First off, this is new benchmark code. And I’m definitely still shaking out bugs and adding features, no question. I’m just sharing interesting results while I do it.
But! The short version is that I set up a nice environment for testing with a script - it runs the trials in a randomized order, which helps to reduce some kinds of sampling error from transient noise. I use a load-tester called wrk, which is recommended by the Phusion folks and generally quite good - I examined a number of load testers, and it’s been by far my favorite.
I’m running on an m4.2xlarge dedicated EC2 instance, and generally using my same techniques from Rails Ruby Bench where they make sense — a very similar data format, for instance, to reuse most of my data processing code, and careful tagging of environment variables and benchmark settings so I don’t get them confused.

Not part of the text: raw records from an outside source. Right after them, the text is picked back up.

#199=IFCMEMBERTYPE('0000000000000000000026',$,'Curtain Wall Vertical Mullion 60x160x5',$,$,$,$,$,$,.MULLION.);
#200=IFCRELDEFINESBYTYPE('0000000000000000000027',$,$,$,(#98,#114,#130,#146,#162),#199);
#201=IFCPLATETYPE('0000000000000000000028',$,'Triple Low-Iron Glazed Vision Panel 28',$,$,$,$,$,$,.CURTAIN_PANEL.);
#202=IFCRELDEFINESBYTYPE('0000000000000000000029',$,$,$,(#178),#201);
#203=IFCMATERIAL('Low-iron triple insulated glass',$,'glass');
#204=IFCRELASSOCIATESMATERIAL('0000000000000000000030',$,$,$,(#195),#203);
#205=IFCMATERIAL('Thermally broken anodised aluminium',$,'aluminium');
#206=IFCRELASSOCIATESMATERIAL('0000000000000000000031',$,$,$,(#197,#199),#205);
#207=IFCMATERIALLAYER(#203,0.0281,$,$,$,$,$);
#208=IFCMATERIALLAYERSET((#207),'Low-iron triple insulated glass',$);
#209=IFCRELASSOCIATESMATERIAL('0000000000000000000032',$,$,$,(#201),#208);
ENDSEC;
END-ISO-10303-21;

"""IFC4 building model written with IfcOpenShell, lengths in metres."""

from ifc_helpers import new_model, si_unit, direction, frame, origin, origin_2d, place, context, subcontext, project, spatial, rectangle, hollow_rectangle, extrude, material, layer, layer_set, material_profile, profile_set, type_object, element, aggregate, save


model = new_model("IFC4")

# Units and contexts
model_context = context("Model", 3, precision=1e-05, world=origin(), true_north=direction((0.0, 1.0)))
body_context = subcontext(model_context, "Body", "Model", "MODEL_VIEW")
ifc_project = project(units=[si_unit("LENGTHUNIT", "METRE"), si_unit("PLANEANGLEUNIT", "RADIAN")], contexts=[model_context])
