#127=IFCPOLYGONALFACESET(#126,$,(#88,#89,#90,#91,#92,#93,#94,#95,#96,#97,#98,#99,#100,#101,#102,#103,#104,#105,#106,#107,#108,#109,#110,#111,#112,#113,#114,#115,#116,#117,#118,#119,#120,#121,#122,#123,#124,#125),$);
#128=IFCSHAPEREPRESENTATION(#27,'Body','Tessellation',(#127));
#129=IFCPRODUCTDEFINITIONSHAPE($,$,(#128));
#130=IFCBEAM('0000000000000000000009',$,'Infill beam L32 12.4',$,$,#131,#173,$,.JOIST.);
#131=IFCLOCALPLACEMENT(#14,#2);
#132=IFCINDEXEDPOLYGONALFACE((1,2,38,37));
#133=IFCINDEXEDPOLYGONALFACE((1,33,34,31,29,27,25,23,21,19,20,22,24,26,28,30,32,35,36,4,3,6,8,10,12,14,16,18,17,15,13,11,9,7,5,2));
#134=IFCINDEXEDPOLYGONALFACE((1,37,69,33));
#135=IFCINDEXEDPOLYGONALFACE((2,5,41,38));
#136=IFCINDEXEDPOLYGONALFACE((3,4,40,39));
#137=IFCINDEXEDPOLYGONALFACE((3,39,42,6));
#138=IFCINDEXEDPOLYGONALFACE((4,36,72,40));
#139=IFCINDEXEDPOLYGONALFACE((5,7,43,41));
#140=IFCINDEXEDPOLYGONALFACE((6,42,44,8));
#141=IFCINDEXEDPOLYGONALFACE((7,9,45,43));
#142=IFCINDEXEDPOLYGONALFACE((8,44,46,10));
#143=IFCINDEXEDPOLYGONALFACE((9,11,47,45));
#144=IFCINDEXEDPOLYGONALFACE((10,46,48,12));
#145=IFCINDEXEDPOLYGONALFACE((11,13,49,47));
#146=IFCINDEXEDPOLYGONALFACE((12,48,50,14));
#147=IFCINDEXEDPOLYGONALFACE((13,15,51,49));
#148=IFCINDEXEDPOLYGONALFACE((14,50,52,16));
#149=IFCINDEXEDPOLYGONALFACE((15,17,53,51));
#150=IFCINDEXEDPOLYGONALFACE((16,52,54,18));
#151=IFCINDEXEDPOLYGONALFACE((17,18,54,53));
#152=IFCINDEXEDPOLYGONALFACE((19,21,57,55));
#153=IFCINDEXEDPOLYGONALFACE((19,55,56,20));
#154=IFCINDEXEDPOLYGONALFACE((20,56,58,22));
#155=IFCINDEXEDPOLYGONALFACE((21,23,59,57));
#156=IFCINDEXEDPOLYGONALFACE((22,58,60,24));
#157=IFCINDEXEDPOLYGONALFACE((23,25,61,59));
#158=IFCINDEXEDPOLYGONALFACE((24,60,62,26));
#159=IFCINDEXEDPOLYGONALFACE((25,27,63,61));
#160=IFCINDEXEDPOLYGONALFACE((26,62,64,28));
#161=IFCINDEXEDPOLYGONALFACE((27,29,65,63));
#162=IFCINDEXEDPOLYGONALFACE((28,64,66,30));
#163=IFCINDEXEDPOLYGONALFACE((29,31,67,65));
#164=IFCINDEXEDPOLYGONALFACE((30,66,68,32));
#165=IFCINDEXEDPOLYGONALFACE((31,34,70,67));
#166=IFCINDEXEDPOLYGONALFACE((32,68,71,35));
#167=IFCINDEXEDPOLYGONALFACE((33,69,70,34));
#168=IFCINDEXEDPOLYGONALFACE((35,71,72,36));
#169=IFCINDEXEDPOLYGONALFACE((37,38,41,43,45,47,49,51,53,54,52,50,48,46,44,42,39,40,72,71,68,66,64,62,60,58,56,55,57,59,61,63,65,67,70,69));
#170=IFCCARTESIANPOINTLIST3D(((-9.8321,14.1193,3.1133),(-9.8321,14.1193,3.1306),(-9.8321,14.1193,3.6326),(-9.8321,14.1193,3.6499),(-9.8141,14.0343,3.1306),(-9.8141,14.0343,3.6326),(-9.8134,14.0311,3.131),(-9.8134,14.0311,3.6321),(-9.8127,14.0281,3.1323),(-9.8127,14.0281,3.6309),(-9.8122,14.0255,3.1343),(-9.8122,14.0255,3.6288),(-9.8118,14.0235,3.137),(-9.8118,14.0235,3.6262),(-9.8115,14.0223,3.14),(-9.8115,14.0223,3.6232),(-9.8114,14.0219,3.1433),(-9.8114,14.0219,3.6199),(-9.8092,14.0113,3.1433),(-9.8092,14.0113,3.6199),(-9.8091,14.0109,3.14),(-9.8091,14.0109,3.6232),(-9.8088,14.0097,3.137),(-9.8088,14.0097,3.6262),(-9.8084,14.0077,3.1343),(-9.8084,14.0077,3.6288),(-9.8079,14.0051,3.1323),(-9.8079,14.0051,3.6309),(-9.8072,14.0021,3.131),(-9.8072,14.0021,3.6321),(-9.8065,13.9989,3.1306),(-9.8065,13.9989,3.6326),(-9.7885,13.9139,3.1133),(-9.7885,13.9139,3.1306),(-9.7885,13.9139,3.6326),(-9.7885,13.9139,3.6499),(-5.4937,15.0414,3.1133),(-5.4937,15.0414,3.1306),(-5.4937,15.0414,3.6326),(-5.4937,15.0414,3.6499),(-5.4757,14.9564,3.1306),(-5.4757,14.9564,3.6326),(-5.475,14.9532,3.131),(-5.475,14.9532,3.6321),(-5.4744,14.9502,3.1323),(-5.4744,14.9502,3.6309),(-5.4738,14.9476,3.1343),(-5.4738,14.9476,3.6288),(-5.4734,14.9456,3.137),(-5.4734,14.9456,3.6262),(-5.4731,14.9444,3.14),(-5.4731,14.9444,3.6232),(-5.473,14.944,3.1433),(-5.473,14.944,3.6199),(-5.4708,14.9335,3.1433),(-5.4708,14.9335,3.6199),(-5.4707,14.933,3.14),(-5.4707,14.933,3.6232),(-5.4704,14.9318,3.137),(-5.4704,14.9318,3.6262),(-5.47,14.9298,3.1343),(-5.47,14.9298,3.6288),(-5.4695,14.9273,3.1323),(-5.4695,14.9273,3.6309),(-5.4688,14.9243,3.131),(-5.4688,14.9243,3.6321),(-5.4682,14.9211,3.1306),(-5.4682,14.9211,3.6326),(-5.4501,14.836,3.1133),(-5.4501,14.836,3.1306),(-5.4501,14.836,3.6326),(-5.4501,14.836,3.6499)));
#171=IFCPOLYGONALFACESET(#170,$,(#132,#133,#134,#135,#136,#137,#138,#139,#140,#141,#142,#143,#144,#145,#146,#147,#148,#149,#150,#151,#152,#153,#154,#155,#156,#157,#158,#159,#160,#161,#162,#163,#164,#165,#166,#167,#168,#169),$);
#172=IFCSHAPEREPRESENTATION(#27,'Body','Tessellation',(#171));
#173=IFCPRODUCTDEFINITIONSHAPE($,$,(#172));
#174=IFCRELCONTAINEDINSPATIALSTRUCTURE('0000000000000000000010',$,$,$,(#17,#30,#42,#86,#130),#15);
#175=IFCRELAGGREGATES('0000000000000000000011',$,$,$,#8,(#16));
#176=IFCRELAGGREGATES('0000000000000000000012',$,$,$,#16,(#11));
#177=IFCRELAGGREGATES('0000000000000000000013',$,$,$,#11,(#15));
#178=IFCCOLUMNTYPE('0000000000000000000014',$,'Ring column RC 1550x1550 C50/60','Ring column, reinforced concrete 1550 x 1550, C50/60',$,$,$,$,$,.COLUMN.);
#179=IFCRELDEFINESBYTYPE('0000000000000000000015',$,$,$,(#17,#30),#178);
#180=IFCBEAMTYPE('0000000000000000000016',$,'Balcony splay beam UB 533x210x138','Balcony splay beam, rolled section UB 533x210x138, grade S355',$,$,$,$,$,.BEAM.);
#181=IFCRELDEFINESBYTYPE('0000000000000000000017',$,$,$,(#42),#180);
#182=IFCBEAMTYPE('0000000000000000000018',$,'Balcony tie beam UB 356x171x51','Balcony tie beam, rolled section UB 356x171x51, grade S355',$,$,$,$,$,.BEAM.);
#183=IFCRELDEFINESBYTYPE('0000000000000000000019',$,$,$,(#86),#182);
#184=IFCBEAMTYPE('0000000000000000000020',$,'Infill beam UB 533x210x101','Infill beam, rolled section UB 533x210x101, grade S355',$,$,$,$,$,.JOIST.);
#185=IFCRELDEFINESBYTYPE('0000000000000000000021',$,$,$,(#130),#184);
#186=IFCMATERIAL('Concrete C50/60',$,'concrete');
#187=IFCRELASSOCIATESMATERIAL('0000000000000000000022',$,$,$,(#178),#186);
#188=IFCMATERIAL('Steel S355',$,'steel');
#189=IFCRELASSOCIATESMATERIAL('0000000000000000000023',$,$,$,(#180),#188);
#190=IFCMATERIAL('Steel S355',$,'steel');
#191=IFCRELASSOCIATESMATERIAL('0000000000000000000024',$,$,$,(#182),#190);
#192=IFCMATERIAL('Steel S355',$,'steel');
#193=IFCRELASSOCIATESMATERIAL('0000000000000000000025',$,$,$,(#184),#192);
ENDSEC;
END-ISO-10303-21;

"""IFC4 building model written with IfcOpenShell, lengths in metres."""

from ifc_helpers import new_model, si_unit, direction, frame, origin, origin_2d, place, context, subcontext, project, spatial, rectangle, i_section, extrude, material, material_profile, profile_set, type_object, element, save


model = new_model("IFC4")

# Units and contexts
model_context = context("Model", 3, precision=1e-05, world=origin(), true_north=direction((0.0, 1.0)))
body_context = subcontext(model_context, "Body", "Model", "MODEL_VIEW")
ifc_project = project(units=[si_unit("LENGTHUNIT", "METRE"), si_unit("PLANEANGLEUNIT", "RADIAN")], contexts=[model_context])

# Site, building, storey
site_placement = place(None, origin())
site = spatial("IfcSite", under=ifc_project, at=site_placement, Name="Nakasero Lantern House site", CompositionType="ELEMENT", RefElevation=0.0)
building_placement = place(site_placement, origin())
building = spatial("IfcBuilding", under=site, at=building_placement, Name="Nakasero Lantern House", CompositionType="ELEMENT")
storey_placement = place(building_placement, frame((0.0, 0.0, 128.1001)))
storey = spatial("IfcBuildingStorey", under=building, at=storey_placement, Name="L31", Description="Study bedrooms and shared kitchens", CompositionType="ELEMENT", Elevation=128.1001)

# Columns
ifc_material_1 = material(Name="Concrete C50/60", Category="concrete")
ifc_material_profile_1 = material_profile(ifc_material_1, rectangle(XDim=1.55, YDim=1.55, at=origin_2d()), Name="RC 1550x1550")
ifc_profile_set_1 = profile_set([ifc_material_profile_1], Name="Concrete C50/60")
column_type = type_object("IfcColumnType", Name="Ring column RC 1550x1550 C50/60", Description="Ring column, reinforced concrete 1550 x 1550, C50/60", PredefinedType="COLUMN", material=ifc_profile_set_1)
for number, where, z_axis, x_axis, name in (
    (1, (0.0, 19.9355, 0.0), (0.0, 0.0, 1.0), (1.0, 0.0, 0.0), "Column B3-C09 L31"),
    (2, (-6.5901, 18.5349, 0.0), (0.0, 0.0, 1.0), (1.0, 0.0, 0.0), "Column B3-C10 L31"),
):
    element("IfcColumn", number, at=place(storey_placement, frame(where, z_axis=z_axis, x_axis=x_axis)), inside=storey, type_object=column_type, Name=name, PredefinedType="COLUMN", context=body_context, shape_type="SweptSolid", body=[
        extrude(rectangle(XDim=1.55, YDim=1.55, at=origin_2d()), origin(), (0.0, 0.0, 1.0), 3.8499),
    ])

I’m also recording error rates and variance (which effectively includes standard deviation) for all my measurements - that’s often a way to find out that I’ve made a mistake in setting up my experiments.
It’s too early to say “no mistakes,” always. But I can set up the code to catch mistakes I know I can make.
It’s tempting to draw broad conclusions from narrow data - though do keep in mind that this is pretty new benchmark code, and there could be flat-out mistakes lurking here.
However, here’s a pretty safe conclusion:
Just because “most Rails apps” benefit from around five threads/process doesn’t mean your Rails or Ruby app will. If you’re mostly just calculating in Ruby, you may want significantly fewer. If you’re doing a lot of matching up database and network results, you may benefit from significantly more.
And you can look forward to a lot more work on this benchmark in days to come. I don’t always publicize my screwed up dubious-quality results much… But as time marches forward, RSB will keep teaching me new things and I’ll share them. Rails Ruby Bench certainly has!